In its simplest form, dK-series are simply correlations among node degrees. More formally, the dK-series for a given network topology is a collection of dK-distributions defined as correlations of degrees of nodes within subnetworks of size d of the given network. Our most recent work with dK-series extends the formalism to apply to correlations among any kind of node or link annotations, with node degrees being the simplest case of node annotations.

The dK-series formalism is elegantly simple and generic in nature. It provides a rigorous analytical framework and unprecedented power to create, analyze, and compare annotated dual AS+router-level topologies. Specifically, we consider the following three concrete examples of how we will use dK-series at different stages of the project:

Topology analysis (step 1e).
As discussed in Section 3.5 and in our previous work, structural topology characteristics such as spectrum, betweenness, distance distribution, assortativity, clustering, are related to the robustness of the topology, defined in terms of minimal number of links or nodes that must be removed in order to fragment a network. Our dK-series approach introduces a basis that unifies all these metrics-as well as any new metrics-into a single series of metrics. The dK-series method allows for evaluation of the robustness of a given topology without having to compute all these metrics - good news since computation of some of them can be prohibitively hard. Instead, we can limit computations to appropriate dK-distributions and as soon as they match the dK-distribution of some point-of-reference topology whose robustness properties are already known, we can rely on the dK-randomness theory to conclude that robustness properties of the given topology are approximately the same.
AS+router-level quasi-duality (step 1d).
The input to step 1d is scamper (traceroute) data processed at steps 1b and 1c to derive router- and AS-level topologies. We thus have information on:
1. number n(k) of routers of degree k;
2. number n(k,k¢) of router-links connecting routers of degrees k and k¢;
3. number N(K) of ASes of degree K;
4. number N(K,K¢) of AS-links connecting ASes of degrees K and K¢;
5. number N(K,K¢;k) of AS-links connecting ASes of degrees K and K¢, and going through a router of degree k;
6. number n(k,k¢;K) of router-links connecting routers of degrees k and k¢, and addressed from IP address space advertised by an AS of degree K;
Statistics (1 and 2), and (3 and 4) are simply the 1K- and 2K-distributions of the router- and AS- level topologies, correspondingly. The last two statistics are forms of dK-distributions extended for dual graphs as they describe correlations between AS- and router-level degrees. Informally, they glue together the AS- and router-level views of the Internet topology. We use them in combination with other methods mentioned in Section 3.4 to construct the dual AS+router-level topologies.
Geolocations and latencies (step 2b and 2c).
One type of correlation in topologies annotated with geolocations and latencies is between geographic distance and inferred latencies of links. Drastic anti-correlation between two statistics indicates problems with either geolocation mappings, or latency inferences, or both. We can use this type of correlation as a cross-validation tool to verify our inferences (cf. Section 3.7).
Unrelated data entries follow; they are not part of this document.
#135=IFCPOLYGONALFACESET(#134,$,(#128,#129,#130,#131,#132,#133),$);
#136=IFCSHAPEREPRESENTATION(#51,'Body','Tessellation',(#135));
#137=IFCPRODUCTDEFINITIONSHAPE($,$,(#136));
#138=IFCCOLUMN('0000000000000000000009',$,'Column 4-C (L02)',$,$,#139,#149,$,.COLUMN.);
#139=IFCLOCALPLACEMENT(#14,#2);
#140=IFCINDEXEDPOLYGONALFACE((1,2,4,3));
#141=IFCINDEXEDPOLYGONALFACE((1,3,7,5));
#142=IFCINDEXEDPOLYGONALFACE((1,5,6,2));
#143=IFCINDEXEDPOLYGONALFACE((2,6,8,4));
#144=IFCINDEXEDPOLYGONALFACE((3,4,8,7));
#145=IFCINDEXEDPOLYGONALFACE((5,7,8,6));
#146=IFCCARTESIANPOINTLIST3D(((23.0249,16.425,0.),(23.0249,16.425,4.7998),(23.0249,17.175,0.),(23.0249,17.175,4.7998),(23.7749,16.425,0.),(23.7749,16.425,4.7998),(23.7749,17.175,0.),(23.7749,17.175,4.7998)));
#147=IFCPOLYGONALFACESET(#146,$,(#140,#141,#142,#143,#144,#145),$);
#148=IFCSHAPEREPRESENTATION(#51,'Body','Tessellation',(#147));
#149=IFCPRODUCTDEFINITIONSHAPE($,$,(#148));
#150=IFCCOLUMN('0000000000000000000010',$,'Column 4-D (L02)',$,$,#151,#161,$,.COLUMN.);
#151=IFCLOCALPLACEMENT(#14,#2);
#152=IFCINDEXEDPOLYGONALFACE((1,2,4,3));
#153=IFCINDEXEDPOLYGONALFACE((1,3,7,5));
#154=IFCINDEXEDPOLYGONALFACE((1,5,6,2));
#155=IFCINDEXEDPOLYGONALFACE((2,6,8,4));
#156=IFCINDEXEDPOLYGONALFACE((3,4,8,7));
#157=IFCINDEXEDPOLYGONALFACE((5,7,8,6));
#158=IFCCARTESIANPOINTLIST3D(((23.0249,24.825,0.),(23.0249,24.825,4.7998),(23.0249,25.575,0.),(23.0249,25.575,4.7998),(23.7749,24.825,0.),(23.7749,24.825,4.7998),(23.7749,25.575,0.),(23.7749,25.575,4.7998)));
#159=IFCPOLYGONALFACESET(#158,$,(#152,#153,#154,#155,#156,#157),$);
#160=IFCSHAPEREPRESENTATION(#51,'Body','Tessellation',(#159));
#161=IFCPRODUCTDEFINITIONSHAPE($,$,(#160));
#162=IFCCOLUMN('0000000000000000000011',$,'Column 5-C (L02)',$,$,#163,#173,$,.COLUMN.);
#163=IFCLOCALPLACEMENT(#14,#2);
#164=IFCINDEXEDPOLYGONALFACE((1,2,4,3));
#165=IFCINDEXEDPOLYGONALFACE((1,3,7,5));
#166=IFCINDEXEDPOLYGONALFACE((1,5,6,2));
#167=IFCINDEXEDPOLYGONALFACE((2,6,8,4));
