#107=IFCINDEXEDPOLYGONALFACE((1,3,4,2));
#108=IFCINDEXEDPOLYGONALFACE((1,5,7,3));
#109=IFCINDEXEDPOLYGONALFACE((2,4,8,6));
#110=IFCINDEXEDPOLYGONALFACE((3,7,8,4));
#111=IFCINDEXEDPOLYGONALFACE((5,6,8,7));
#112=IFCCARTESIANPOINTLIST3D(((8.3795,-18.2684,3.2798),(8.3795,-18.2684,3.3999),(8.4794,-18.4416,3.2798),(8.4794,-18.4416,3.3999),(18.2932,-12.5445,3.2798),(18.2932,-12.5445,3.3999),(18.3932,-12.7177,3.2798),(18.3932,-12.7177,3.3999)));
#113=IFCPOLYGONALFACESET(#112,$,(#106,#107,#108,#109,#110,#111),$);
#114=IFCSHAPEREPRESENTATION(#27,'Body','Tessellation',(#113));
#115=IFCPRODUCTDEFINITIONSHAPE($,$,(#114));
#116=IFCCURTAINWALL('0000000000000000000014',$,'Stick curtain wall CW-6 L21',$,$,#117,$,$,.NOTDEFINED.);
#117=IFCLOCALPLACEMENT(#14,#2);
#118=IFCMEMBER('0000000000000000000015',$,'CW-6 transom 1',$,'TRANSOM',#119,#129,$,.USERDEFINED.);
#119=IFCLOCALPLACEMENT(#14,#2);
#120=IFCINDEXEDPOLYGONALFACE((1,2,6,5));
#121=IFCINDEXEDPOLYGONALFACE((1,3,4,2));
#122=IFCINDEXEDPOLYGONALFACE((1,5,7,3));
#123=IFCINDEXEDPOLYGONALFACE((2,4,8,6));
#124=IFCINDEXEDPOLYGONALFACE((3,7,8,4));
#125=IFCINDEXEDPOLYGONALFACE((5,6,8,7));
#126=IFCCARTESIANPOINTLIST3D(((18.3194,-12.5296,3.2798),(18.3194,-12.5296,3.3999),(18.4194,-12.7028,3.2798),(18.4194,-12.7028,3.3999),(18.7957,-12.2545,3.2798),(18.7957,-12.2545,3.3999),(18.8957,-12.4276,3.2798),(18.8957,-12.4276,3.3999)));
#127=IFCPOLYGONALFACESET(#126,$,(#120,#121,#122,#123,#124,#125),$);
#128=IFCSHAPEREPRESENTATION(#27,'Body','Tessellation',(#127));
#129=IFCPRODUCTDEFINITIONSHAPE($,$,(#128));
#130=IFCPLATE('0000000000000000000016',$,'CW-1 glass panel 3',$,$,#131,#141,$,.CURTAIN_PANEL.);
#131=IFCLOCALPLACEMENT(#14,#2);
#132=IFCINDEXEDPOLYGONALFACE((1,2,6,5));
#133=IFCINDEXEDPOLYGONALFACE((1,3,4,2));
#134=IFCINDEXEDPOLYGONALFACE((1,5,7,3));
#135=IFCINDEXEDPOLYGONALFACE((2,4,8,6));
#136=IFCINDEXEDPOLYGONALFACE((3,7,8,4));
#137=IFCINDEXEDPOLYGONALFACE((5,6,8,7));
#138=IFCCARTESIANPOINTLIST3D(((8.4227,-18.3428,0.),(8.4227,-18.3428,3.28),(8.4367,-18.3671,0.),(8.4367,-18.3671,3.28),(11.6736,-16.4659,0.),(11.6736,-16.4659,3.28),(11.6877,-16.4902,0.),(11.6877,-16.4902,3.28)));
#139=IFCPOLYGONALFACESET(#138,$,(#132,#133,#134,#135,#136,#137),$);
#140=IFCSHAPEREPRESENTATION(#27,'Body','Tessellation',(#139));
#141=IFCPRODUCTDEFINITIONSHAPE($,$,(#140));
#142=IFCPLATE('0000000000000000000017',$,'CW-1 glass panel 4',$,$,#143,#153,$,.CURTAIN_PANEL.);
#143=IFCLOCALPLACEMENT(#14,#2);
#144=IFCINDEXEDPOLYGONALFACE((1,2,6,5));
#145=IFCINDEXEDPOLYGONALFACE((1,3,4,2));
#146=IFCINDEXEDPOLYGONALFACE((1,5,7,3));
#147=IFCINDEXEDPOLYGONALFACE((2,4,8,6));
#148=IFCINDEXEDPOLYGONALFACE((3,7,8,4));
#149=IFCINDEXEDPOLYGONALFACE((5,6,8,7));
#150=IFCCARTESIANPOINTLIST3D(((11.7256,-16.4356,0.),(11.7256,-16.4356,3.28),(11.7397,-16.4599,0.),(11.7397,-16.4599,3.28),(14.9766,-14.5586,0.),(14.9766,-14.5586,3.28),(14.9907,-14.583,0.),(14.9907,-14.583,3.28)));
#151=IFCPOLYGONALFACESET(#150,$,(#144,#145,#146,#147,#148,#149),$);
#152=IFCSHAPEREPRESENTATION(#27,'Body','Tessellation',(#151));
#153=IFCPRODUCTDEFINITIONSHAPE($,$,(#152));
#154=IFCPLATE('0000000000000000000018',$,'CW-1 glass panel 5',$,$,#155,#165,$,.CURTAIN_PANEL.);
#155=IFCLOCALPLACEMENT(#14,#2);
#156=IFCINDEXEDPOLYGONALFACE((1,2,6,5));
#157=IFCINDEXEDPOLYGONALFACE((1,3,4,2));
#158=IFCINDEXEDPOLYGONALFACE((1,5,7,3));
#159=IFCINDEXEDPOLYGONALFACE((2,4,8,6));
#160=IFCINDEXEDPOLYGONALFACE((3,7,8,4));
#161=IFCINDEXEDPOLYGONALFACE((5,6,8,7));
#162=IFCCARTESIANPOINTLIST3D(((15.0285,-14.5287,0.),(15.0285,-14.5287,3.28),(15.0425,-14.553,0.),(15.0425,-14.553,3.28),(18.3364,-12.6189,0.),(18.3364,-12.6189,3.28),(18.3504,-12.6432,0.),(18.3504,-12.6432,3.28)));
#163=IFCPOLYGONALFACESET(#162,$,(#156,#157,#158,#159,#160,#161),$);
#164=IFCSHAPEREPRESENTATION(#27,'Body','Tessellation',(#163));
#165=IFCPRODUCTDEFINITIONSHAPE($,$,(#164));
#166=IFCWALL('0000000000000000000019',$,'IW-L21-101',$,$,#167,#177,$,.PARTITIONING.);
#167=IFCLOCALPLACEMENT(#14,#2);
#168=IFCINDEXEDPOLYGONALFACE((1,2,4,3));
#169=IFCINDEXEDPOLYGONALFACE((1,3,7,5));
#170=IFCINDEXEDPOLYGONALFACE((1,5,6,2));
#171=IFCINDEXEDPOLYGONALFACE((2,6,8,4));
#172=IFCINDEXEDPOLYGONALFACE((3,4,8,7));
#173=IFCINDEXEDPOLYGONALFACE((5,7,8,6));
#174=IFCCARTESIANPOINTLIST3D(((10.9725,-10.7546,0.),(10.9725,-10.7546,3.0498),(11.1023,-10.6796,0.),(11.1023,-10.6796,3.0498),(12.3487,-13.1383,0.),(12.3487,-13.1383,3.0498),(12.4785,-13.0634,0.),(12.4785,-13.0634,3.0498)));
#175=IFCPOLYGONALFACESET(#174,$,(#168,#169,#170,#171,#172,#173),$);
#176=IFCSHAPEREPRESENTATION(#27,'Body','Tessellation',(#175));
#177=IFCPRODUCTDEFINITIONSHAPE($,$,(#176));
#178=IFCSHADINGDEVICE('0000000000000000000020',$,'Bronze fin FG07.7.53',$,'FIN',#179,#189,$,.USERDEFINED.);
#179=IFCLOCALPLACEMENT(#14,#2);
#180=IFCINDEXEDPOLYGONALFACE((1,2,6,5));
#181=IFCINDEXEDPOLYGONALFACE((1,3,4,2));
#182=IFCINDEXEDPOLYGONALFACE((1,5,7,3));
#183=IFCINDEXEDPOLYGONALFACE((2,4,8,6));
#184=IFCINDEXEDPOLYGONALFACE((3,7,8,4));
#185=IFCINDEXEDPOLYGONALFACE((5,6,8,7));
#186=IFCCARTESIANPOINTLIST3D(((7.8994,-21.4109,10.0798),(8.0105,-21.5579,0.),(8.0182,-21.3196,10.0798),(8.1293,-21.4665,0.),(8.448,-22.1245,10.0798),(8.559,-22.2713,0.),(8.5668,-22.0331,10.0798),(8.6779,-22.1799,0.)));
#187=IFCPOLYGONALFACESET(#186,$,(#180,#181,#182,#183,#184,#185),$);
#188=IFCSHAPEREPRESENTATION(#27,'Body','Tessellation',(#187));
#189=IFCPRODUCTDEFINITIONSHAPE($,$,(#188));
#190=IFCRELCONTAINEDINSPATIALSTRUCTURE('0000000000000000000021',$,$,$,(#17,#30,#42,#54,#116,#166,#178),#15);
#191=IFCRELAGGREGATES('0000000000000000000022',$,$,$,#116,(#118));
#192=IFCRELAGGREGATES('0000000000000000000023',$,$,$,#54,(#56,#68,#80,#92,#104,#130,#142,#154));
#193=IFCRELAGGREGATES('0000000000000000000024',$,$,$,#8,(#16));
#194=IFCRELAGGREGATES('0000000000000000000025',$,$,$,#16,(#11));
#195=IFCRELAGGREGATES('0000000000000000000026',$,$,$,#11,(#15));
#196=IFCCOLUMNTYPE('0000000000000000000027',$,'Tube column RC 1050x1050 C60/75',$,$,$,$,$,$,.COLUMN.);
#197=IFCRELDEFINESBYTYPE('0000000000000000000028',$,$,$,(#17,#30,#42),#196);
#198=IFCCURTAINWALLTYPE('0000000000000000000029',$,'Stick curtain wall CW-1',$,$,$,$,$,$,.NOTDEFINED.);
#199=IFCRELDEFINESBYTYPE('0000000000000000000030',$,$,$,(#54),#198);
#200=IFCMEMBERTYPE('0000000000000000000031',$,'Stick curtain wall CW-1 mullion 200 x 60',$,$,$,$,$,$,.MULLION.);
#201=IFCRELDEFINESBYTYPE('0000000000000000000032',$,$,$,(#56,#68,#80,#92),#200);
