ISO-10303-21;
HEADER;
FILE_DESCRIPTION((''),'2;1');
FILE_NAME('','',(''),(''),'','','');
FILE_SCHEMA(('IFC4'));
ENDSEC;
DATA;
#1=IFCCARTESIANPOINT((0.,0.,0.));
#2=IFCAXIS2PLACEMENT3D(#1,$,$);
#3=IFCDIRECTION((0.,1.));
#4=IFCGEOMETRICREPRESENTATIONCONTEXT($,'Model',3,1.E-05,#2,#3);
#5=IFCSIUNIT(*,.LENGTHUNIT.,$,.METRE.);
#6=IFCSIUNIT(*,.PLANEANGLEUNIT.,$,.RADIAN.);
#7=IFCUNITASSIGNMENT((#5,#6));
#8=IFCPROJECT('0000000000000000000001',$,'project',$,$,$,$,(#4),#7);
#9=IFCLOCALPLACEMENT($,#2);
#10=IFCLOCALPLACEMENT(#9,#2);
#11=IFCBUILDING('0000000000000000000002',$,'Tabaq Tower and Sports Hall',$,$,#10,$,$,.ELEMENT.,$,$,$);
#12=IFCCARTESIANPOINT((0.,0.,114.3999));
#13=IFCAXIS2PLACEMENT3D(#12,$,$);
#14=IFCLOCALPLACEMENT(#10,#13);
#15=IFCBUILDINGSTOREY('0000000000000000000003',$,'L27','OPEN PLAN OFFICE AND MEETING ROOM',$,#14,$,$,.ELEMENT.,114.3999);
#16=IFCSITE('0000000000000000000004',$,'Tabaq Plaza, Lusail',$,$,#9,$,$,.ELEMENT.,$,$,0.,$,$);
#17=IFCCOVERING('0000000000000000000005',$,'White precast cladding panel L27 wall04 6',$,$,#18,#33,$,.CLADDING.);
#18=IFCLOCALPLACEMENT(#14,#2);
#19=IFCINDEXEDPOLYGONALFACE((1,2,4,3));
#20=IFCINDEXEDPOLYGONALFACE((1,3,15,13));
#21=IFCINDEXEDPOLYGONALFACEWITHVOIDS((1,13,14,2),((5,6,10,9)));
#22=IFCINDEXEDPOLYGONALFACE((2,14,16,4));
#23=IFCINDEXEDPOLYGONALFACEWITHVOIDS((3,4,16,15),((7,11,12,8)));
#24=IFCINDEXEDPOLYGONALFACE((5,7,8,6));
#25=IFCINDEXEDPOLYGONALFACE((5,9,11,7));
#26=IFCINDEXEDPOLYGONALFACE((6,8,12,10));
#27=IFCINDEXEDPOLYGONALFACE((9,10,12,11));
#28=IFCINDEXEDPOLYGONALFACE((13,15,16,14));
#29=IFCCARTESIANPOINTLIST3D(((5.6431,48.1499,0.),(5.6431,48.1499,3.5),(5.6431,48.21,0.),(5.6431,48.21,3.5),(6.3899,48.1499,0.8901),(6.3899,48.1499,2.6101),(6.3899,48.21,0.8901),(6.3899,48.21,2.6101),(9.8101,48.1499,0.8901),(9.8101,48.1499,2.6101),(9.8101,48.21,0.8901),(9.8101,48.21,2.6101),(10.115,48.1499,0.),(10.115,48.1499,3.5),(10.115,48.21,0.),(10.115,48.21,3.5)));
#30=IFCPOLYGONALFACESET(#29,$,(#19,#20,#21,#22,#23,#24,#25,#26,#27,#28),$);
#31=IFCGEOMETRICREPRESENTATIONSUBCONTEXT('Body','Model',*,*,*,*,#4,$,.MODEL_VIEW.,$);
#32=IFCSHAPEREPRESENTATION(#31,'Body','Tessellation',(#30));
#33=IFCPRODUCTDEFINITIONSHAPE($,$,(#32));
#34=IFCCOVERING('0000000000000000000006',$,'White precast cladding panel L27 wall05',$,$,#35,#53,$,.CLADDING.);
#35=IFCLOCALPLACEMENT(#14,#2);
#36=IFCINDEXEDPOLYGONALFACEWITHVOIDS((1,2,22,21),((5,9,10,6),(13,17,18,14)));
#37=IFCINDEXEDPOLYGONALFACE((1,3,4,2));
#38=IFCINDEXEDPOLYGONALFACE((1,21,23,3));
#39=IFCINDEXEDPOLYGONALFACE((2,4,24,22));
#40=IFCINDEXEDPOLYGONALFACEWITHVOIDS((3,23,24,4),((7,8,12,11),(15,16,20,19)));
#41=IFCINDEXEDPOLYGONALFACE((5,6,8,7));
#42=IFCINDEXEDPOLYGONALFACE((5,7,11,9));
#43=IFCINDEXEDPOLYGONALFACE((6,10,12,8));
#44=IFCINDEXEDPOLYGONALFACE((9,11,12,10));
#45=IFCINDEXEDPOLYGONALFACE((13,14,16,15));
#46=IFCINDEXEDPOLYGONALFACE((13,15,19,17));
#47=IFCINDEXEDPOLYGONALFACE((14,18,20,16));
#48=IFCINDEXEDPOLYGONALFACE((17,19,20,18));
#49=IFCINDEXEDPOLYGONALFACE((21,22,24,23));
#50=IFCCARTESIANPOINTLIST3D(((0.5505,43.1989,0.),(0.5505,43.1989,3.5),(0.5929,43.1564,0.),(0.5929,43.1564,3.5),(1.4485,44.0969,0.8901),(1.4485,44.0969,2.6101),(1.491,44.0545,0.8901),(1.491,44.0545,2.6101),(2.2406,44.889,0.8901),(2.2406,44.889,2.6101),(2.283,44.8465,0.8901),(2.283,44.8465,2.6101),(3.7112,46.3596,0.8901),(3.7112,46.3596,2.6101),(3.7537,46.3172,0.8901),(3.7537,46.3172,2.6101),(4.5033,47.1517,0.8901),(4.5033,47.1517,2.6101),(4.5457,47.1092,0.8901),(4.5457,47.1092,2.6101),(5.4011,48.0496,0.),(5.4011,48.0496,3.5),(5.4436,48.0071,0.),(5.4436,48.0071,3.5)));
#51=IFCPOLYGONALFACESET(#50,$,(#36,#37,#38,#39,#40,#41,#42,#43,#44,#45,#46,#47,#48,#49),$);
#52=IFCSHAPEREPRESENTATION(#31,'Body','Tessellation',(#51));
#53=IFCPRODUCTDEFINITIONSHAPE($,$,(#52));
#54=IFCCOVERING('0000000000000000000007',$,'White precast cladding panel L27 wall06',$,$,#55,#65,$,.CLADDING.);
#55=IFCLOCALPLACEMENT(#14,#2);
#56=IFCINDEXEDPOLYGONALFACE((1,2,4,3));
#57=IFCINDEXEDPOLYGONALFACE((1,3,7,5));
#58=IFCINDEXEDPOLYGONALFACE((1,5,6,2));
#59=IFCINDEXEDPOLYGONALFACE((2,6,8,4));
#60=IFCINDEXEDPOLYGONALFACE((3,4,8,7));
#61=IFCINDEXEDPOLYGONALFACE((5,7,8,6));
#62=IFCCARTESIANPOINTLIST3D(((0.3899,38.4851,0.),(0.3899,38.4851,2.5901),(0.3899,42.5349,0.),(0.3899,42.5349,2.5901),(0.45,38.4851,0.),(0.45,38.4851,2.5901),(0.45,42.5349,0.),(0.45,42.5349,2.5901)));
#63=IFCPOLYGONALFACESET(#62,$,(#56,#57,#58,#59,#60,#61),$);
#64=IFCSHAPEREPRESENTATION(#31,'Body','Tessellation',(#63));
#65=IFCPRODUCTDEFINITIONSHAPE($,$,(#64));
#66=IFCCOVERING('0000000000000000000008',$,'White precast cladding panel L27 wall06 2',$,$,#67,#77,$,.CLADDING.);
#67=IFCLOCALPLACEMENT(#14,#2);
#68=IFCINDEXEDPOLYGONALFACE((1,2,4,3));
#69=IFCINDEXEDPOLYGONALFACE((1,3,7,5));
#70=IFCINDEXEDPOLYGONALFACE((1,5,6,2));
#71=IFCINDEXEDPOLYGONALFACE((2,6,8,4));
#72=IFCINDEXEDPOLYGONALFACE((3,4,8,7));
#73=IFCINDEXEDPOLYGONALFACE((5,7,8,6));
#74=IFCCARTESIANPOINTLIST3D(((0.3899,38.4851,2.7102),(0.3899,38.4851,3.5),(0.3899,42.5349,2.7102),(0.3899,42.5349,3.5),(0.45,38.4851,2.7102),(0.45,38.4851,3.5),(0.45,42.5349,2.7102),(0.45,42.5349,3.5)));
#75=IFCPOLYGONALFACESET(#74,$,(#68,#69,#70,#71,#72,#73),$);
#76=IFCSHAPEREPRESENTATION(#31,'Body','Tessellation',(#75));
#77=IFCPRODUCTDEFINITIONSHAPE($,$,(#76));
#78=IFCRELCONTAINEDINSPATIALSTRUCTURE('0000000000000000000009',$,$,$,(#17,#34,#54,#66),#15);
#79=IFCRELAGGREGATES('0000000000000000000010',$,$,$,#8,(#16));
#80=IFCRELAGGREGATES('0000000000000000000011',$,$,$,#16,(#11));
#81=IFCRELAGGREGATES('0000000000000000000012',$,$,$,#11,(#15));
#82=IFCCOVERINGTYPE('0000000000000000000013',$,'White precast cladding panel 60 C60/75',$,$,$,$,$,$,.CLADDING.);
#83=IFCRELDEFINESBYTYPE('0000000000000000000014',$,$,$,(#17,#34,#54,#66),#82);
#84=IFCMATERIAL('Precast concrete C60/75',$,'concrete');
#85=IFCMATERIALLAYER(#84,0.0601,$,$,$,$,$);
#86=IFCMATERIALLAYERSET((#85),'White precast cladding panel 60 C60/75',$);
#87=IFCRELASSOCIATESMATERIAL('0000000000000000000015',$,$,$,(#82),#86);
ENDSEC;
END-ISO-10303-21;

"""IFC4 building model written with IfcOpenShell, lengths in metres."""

from ifc_helpers import new_model, si_unit, direction, frame, frame_2d, origin, place, context, subcontext, project, spatial, polyline, rectangle, outline, extrude, material, layer, layer_set, type_object, element, save


model = new_model("IFC4")

# Units and contexts
model_context = context("Model", 3, precision=1e-05, world=origin(), true_north=direction((0.0, 1.0)))
body_context = subcontext(model_context, "Body", "Model", "MODEL_VIEW")
ifc_project = project(units=[si_unit("LENGTHUNIT", "METRE"), si_unit("PLANEANGLEUNIT", "RADIAN")], contexts=[model_context])

# Site, building, storey
site_placement = place(None, origin())
site = spatial("IfcSite", under=ifc_project, at=site_placement, Name="Tabaq Plaza, Lusail", CompositionType="ELEMENT", RefElevation=0.0)
building_placement = place(site_placement, origin())
building = spatial("IfcBuilding", under=site, at=building_placement, Name="Tabaq Tower and Sports Hall", CompositionType="ELEMENT")
storey_placement = place(building_placement, frame((0.0, 0.0, 114.3999)))
storey = spatial("IfcBuildingStorey", under=building, at=storey_placement, Name="L27", Description="OPEN PLAN OFFICE AND MEETING ROOM", CompositionType="ELEMENT", Elevation=114.3999)

# Coverings
ifc_material_1 = material(Name="Precast concrete C60/75", Category="concrete")
ifc_layer_1 = layer(ifc_material_1, 0.0601)
ifc_layer_set_1 = layer_set([ifc_layer_1], Name="White precast cladding panel 60 C60/75")
covering_type_1 = type_object("IfcCoveringType", Name="White precast cladding panel 60 C60/75", PredefinedType="CLADDING", material=ifc_layer_set_1)
covering_1_placement = place(storey_placement, frame((10.115, 48.1799, 0.0), z_axis=(0.0, 0.0, 1.0), x_axis=(-1.0, 0.0, 0.0)))
element("IfcCovering", 1, at=covering_1_placement, inside=storey, type_object=covering_type_1, Name="White precast cladding panel L27 wall04 6", PredefinedType="CLADDING", context=body_context, shape_type="SweptSolid", body=[
    extrude(outline(polyline([(0.0, 0.0), (4.4719, 0.0), (4.4719, 3.5), (0.0, 3.5), (0.0, 0.0)]), holes=[polyline([(0.3049, 0.8901), (0.3049, 2.6101), (3.7251, 2.6101), (3.7251, 0.8901), (0.3049, 0.8901)])]), frame((0.0, 0.03, 0.0), z_axis=(0.0, -1.0, 0.0), x_axis=(1.0, 0.0, 0.0)), (0.0, 0.0, 1.0), 0.0601),
])
covering_2_placement = place(storey_placement, frame((5.4224, 48.0283, 0.0), z_axis=(0.0, 0.0, 1.0), x_axis=(-0.707107, -0.707107, 0.0)))
element("IfcCovering", 2, at=covering_2_placement, inside=storey, type_object=covering_type_1, Name="White precast cladding panel L27 wall05", PredefinedType="CLADDING", context=body_context, shape_type="SweptSolid", body=[
    extrude(outline(polyline([(0.0, 0.0), (6.8599, 0.0), (6.8599, 3.5), (0.0, 3.5), (0.0, 0.0)]), holes=[polyline([(1.2698, 2.6101), (2.3899, 2.6101), (2.3899, 0.8901), (1.2698, 0.8901), (1.2698, 2.6101)]), polyline([(4.4697, 2.6101), (5.5898, 2.6101), (5.5898, 0.8901), (4.4697, 0.8901), (4.4697, 2.6101)])]), frame((0.0, 0.03, 0.0), z_axis=(0.0, -1.0, 0.0), x_axis=(1.0, 0.0, 0.0)), (0.0, 0.0, 1.0), 0.0601),
])
covering_3_placement = place(storey_placement, frame((0.4199, 42.5349, 0.0), z_axis=(0.0, 0.0, 1.0), x_axis=(0.0, -1.0, 0.0)))
element("IfcCovering", 3, at=covering_3_placement, inside=storey, type_object=covering_type_1, Name="White precast cladding panel L27 wall06", PredefinedType="CLADDING", context=body_context, shape_type="SweptSolid", body=[
    extrude(rectangle(XDim=4.0498, YDim=0.0601, at=frame_2d((2.0249, 0.0))), origin(), (0.0, 0.0, 1.0), 2.5901),
])
covering_4_placement = place(storey_placement, frame((0.4199, 42.5349, 2.7102), z_axis=(0.0, 0.0, 1.0), x_axis=(0.0, -1.0, 0.0)))
element("IfcCovering", 4, at=covering_4_placement, inside=storey, type_object=covering_type_1, Name="White precast cladding panel L27 wall06 2", PredefinedType="CLADDING", context=body_context, shape_type="SweptSolid", body=[
    extrude(rectangle(XDim=4.0498, YDim=0.0601, at=frame_2d((2.0249, 0.0))), origin(), (0.0, 0.0, 1.0), 0.7898),
])

save(model, "model.ifc")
3.9 Visualizations, step 2d

For visualization of our topology data, we will initially experiment with Walrus, a CAIDA tool for interactively visualizing large directed graphs in three-dimensional space. Walrus can display graphs containing over a million nodes, but visual clutter, occlusion, and other factors diminish its effectiveness as the number and degree of nodes increases. In practice Walrus is best suited to visualizing moderately sized (up to a few hundred thousand nodes) graphs that are nearly trees. We will modify walrus to meet the needs of this project or investigate other tools for network visualization of large small-world graphs. Van Ham, now at IBM, has expressed interest in collaborating with CAIDA on large network visualization.

Figure 1: Walrus visualization of median RTTs from skitter measurements.